Une conférence de Karine Bouchard et Gabrielle Bleau Mathieu
Présentée dans le cadre du colloque « L’art, le citadin et le site: habiter l’espace à l’ère de l’image »
Ce colloque s’est tenu à l’Université Laval le 9 mai 2013 dans le cadre du congrès de l’ACFAS 2013 et du colloque annuel du CÉLATLieux de passage et vivre ensemble.


Selon Martina Lauster (2007), Walter Benjamin aurait légué à la postérité un mythe moderne en traduisant Baudelaire en allemand, celui de l’expérience du flâneur, permettant le développement d’un rapport entre le public, l’art et la ville. En s’attachant à la fantasmagorie, il inscrivait cette figure dans une généalogie du divertissement préfigurant le cinéma (Benjamin, 1939). Ce faisant, il ancrait également dans la modernité l’hégémonie du visuel et du regard au sein d’une société qui allait devenir celle de la consommation.

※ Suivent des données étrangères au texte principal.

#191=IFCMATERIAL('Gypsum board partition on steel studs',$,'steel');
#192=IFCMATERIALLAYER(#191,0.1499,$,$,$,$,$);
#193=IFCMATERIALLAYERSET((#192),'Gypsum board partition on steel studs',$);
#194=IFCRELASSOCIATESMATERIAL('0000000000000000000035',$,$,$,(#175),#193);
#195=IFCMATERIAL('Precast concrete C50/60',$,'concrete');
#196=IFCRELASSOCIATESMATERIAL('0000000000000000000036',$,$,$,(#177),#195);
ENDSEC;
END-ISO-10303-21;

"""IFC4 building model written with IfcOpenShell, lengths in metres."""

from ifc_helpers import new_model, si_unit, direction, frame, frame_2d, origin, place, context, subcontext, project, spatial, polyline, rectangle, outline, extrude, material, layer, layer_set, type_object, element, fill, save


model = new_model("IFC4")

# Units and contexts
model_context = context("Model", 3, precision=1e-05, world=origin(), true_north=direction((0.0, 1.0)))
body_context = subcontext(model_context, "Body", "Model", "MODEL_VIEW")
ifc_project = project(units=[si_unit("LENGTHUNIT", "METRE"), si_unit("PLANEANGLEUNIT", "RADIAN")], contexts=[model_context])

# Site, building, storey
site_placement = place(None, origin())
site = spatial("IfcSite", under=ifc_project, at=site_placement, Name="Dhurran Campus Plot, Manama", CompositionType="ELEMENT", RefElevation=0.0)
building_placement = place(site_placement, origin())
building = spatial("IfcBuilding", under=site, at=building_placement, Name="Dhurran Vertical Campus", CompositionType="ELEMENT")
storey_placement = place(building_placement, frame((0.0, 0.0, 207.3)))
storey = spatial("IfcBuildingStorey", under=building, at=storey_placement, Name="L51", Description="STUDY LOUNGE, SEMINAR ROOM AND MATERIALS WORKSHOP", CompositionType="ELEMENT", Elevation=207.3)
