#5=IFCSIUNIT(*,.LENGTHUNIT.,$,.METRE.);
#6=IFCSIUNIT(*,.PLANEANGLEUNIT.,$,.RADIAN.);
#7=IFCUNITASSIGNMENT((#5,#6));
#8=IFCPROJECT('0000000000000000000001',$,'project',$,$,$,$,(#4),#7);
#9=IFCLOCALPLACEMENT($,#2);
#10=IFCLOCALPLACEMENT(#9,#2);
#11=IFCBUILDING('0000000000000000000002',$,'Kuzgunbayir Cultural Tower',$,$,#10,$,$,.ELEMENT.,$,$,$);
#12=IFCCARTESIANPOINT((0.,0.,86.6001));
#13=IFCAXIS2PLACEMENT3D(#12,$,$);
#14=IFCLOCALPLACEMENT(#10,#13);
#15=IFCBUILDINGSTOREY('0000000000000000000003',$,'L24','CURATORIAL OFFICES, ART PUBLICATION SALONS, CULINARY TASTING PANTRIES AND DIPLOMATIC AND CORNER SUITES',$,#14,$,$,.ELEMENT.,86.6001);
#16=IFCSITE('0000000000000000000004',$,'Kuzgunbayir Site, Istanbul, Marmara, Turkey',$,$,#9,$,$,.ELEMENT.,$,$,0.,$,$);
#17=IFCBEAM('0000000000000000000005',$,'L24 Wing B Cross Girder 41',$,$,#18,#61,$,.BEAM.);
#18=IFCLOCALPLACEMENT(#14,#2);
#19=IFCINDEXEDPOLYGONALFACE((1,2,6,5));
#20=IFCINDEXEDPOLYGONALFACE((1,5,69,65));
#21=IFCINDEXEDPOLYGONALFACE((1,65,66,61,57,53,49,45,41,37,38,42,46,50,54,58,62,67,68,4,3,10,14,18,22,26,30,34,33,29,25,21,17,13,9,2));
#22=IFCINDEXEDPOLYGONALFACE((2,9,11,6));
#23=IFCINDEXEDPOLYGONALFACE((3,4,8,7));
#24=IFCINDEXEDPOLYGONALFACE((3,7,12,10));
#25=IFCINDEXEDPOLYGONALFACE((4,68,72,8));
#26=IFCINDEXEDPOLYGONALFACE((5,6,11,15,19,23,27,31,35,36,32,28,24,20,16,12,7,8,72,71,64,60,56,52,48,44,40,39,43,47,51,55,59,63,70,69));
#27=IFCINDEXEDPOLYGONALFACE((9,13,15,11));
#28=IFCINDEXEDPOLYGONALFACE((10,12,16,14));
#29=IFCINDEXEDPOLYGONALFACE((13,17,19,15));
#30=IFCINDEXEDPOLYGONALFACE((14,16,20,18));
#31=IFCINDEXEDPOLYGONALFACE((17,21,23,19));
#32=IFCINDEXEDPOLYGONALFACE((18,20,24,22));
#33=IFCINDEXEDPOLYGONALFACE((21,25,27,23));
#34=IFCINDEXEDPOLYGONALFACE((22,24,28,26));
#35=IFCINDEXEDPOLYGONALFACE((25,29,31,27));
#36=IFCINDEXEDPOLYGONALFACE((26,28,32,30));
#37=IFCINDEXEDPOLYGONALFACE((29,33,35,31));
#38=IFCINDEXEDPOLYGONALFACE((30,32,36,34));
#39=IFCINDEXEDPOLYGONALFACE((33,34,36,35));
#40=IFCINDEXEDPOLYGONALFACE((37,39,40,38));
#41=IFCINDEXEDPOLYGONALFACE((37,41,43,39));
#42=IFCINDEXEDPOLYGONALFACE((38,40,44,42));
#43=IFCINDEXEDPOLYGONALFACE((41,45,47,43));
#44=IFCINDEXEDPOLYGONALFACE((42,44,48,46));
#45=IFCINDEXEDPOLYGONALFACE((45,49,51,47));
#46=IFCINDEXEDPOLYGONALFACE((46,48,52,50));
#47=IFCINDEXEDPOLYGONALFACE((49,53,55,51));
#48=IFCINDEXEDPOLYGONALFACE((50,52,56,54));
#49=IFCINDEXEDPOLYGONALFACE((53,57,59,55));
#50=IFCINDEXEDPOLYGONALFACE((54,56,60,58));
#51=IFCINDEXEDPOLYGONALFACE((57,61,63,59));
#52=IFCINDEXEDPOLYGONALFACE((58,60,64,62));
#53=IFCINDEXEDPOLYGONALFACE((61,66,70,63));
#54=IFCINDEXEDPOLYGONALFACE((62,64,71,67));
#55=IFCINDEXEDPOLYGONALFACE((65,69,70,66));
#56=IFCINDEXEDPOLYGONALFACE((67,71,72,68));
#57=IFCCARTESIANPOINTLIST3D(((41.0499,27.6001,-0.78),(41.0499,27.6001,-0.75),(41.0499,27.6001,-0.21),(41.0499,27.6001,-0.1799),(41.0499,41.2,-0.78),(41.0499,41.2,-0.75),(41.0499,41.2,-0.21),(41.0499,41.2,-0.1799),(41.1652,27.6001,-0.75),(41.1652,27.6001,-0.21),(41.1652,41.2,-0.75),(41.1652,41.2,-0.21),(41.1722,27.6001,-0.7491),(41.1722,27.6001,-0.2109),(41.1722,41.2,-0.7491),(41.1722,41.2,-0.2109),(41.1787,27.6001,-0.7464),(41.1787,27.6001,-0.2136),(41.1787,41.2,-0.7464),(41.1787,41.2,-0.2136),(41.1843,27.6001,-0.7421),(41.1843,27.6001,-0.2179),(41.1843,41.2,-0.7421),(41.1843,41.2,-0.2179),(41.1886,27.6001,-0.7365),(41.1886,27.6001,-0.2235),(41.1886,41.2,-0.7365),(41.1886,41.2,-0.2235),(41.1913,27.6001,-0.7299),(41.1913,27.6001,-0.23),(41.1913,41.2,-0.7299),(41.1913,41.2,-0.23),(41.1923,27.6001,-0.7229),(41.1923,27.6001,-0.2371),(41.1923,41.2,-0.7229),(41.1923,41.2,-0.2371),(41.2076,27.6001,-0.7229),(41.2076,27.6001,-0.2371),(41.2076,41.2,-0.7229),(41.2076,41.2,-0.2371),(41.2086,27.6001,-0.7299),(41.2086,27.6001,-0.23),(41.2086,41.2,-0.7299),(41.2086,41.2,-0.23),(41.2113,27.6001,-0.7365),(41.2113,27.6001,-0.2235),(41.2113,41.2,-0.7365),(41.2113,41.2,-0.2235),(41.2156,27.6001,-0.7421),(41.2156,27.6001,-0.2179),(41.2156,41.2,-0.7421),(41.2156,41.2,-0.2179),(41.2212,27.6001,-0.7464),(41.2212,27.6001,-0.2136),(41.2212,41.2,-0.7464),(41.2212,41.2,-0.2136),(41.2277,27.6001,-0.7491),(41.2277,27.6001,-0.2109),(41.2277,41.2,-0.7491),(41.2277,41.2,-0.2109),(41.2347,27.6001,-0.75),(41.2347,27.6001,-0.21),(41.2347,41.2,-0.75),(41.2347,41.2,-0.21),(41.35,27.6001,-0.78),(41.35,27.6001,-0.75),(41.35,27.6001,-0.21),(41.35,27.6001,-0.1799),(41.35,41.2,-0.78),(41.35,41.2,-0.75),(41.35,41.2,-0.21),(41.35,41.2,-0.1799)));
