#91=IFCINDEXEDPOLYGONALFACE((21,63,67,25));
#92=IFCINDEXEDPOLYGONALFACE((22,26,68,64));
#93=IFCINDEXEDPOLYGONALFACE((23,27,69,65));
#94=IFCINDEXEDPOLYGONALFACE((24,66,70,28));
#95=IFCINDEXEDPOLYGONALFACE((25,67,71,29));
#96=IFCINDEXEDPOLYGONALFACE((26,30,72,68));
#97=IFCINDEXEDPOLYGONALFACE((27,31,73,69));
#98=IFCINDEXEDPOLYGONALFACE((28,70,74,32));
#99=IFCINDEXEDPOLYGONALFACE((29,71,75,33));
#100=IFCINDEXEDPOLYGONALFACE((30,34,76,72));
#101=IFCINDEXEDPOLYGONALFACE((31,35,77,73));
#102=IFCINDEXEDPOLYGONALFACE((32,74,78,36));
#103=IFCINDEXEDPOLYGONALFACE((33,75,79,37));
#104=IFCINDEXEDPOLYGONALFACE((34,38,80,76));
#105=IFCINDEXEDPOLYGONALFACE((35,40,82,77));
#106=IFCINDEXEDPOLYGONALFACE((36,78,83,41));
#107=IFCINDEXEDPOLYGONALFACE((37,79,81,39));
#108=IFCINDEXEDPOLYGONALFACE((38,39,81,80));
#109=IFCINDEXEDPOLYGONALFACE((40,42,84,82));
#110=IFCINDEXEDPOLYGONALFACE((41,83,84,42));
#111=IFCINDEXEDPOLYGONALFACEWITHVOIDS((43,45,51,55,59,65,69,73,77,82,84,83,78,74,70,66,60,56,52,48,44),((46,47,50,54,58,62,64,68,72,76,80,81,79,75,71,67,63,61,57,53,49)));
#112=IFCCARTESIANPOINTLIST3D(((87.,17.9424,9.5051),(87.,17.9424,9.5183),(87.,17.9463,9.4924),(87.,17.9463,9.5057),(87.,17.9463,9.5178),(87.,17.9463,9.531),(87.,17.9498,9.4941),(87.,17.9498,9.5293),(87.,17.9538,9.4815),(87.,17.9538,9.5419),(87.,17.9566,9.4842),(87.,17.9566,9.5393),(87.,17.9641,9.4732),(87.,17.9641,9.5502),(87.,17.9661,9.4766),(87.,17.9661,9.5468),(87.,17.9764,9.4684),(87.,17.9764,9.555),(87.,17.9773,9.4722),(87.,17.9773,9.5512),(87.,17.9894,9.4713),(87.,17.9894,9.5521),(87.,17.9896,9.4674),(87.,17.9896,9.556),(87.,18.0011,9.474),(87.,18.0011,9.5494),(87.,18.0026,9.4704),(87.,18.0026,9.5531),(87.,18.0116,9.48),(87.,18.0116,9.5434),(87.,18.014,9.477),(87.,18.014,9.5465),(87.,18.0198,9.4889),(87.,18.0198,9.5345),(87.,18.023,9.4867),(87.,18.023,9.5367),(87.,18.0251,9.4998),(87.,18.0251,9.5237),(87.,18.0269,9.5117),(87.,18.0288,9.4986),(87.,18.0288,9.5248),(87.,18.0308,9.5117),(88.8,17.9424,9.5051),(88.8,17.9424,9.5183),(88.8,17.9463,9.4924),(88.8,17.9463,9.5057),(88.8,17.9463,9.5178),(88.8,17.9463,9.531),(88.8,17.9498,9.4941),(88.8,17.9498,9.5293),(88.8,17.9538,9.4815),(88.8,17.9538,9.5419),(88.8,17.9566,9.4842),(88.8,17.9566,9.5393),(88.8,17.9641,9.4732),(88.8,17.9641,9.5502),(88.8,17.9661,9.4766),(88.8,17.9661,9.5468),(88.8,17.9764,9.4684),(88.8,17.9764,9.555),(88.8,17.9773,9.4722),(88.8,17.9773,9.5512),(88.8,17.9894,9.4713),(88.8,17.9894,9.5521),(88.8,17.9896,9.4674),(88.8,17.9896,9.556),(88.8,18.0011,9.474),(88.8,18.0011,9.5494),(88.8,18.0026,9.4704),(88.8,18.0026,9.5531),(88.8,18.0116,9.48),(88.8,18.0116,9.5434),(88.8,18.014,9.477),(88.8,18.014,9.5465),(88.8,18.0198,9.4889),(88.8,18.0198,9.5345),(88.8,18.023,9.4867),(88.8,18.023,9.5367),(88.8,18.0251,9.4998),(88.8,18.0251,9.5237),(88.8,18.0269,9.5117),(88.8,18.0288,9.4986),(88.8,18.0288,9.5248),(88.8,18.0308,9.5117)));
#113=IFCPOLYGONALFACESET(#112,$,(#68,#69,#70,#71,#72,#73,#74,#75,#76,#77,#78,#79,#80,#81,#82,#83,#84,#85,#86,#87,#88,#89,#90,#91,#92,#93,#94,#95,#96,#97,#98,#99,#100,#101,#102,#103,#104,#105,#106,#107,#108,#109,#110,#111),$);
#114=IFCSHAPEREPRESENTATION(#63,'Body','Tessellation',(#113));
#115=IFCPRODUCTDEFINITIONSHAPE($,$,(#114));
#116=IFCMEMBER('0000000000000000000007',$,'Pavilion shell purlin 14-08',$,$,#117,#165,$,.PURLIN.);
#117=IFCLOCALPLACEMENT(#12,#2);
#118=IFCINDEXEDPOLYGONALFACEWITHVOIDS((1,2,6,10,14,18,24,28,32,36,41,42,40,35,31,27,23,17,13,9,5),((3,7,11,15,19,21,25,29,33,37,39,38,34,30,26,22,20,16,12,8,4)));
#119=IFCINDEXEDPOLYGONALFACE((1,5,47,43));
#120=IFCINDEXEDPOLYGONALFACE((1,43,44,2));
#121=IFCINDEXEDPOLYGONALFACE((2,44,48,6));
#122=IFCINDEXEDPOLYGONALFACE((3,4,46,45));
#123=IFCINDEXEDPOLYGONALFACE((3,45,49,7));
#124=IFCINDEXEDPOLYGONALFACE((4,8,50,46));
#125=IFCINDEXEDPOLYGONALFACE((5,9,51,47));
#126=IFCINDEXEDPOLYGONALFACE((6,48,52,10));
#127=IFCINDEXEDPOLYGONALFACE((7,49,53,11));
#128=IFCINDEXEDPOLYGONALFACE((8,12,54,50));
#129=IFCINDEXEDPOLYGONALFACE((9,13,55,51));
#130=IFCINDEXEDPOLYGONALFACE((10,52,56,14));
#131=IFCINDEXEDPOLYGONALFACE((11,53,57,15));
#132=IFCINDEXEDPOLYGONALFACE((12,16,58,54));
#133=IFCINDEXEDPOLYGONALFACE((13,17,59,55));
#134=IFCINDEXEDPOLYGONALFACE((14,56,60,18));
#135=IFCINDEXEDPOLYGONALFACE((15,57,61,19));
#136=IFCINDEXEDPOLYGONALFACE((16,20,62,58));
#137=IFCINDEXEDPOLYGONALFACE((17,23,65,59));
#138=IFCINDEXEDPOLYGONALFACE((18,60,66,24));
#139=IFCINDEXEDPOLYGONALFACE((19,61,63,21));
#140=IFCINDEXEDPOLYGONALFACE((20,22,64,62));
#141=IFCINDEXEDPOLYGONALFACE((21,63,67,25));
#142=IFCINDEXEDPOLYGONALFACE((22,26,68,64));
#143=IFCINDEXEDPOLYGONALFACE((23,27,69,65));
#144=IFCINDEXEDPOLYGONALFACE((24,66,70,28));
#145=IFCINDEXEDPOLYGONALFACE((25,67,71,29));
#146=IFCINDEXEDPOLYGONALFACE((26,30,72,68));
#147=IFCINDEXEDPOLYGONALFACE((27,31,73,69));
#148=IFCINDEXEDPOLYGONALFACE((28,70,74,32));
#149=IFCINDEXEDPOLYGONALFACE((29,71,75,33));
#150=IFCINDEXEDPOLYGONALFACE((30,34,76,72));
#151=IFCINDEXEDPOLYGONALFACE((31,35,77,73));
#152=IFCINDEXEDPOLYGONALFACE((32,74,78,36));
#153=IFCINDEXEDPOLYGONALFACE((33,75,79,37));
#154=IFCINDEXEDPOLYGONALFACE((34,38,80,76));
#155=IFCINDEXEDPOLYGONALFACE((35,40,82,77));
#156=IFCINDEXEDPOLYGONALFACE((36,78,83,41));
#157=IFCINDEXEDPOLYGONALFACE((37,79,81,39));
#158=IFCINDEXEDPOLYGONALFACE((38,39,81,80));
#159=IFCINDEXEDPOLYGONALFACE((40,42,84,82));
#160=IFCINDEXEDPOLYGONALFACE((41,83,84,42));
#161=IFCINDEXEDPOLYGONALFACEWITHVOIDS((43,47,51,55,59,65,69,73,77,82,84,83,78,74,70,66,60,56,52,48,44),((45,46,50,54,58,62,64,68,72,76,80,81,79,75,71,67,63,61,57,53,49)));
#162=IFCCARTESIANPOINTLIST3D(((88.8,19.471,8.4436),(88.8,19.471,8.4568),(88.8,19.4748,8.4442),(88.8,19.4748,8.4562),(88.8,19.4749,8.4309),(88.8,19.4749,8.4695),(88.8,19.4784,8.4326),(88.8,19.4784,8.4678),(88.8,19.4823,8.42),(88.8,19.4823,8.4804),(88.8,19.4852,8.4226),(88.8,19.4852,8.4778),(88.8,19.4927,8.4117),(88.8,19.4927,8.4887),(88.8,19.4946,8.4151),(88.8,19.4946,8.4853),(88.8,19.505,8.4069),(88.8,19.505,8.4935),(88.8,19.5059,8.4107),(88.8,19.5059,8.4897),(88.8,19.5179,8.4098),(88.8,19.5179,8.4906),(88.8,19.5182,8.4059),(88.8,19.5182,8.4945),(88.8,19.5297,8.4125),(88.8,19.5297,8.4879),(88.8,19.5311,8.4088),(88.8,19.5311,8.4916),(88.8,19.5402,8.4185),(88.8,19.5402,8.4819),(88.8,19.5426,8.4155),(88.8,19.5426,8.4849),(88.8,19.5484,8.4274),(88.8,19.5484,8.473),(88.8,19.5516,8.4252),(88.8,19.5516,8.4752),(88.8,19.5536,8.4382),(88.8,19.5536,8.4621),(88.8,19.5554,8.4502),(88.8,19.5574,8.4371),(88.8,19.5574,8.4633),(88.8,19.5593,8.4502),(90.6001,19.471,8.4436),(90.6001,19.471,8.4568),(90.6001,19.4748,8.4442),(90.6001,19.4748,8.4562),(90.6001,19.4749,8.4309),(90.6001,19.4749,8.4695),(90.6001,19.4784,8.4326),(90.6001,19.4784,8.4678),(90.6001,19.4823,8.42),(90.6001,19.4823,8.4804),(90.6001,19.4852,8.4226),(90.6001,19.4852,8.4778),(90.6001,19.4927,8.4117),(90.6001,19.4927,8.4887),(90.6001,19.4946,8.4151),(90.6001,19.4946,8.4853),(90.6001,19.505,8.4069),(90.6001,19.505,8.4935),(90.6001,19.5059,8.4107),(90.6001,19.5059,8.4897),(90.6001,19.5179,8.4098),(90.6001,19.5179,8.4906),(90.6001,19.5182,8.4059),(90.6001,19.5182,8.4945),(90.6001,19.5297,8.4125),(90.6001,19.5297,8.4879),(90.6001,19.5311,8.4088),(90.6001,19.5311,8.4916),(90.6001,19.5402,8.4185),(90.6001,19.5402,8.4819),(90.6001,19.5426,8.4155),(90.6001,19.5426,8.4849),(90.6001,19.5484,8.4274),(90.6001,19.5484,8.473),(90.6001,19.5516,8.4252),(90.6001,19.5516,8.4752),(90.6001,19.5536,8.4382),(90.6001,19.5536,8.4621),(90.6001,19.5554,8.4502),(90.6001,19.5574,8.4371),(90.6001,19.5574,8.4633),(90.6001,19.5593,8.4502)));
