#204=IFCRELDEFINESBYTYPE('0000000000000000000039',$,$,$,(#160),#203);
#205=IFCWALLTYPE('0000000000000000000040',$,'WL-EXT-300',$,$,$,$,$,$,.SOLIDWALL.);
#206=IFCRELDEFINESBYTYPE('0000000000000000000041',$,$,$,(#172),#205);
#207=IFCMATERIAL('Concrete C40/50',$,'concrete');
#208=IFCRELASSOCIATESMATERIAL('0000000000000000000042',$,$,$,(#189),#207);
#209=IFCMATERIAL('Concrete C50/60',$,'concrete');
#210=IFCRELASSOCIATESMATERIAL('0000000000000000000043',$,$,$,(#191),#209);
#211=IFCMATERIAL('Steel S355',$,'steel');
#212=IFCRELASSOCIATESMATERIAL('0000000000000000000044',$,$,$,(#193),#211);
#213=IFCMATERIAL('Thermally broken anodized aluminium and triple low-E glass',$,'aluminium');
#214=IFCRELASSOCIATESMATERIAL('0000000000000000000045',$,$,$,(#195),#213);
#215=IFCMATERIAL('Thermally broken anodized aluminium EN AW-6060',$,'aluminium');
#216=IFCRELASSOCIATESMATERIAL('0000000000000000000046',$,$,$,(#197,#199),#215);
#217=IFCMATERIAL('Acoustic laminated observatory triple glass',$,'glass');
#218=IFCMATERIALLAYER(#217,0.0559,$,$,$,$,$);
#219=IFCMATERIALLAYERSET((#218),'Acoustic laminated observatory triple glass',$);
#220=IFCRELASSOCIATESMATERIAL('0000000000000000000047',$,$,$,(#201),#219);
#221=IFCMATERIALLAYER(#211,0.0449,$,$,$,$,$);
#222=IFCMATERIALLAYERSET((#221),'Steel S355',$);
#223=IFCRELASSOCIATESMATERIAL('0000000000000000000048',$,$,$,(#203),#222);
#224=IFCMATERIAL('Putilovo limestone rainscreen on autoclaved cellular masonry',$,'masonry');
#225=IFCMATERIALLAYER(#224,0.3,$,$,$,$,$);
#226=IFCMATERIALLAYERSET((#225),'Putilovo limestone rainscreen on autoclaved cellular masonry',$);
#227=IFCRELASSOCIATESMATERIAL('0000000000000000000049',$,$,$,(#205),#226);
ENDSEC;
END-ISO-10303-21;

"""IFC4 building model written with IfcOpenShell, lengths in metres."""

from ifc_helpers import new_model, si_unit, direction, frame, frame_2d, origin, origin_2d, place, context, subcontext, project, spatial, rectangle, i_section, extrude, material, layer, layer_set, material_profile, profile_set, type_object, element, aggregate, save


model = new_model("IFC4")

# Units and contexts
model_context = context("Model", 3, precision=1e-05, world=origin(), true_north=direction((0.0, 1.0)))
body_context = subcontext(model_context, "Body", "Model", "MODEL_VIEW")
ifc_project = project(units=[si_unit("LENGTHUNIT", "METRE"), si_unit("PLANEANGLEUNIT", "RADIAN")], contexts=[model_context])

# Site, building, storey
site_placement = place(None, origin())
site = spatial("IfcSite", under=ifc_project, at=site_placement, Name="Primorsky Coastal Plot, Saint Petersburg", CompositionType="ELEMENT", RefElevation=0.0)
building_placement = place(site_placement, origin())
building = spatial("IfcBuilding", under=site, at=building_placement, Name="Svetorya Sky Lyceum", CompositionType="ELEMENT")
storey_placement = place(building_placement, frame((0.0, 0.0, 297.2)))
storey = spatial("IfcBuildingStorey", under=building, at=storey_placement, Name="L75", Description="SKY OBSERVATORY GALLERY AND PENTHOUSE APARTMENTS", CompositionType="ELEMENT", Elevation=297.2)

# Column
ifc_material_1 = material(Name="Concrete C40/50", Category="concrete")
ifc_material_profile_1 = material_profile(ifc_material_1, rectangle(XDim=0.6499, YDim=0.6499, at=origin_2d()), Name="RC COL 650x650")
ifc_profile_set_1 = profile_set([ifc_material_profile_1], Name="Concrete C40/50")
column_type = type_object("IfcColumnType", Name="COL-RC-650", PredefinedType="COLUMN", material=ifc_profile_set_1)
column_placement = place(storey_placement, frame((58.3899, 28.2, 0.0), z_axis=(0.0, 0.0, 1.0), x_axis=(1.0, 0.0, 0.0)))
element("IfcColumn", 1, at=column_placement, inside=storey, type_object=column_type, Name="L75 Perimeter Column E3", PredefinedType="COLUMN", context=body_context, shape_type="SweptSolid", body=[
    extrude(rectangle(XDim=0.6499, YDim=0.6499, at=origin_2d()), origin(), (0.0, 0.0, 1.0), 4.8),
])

La figure du flâneur a été récupérée par différents champs d’études, notamment les Visual Studies, les études muséales et les études cinématographiques, pour ne nommer que ceux-là, qui l’ont revisitée en fonction du regard et de l’analyse des nouveaux dispositifs technologiques de l’image, de la télévision, du cinéma et, plus récemment, de l’interface web (Friedberg, 1993). Or, même si Baudelaire fait l’éloge des plaisirs de l’observation, il semblerait que d’autres expériences sensorielles entrent en compte dans le mariage du flâneur avec la foule et l’espace urbain, puisque le plaisir du marcheur, comme le souligne l’auteur, n’est pas seulement de voir, mais aussi de sentir et d’écouter. Il importe alors de revisiter la posture du flâneur en fonction d’autres paradigmes que celui du visuel, en l’occurrence les éléments sonores dont il sera question dans cette étude. Partant du postulat que le son participe à la configuration de l’espace de la ville par la création de paysages sonores, nous souhaitons tout d’abord réhabiliter la place du son dans l’expérience de l’urbain. De là seront identifiées les différentes postures d’un nouveau type de flâneur, le flâneur auditif, appelant à une redéfinition même de la figure développée par Baudelaire. Cette nouvelle typologie des attitudes du flâneur auditif sera illustrée par l’analyse de deux événements majeurs de la pratique de l’art sonore québécois. Ce corpus présente des œuvres activées par des bruits artistiques qui, telles une trouvaille, une nouveauté pour le flâneur, s’ajoutent aux bruits ambiants de la ville et modifient le tissu acoustique urbain. L’écoute du flâneur est alors spécifiquement sollicitée, lui fournissant une expérience supplémentaire parmi les nombreux parcours possibles de la ville.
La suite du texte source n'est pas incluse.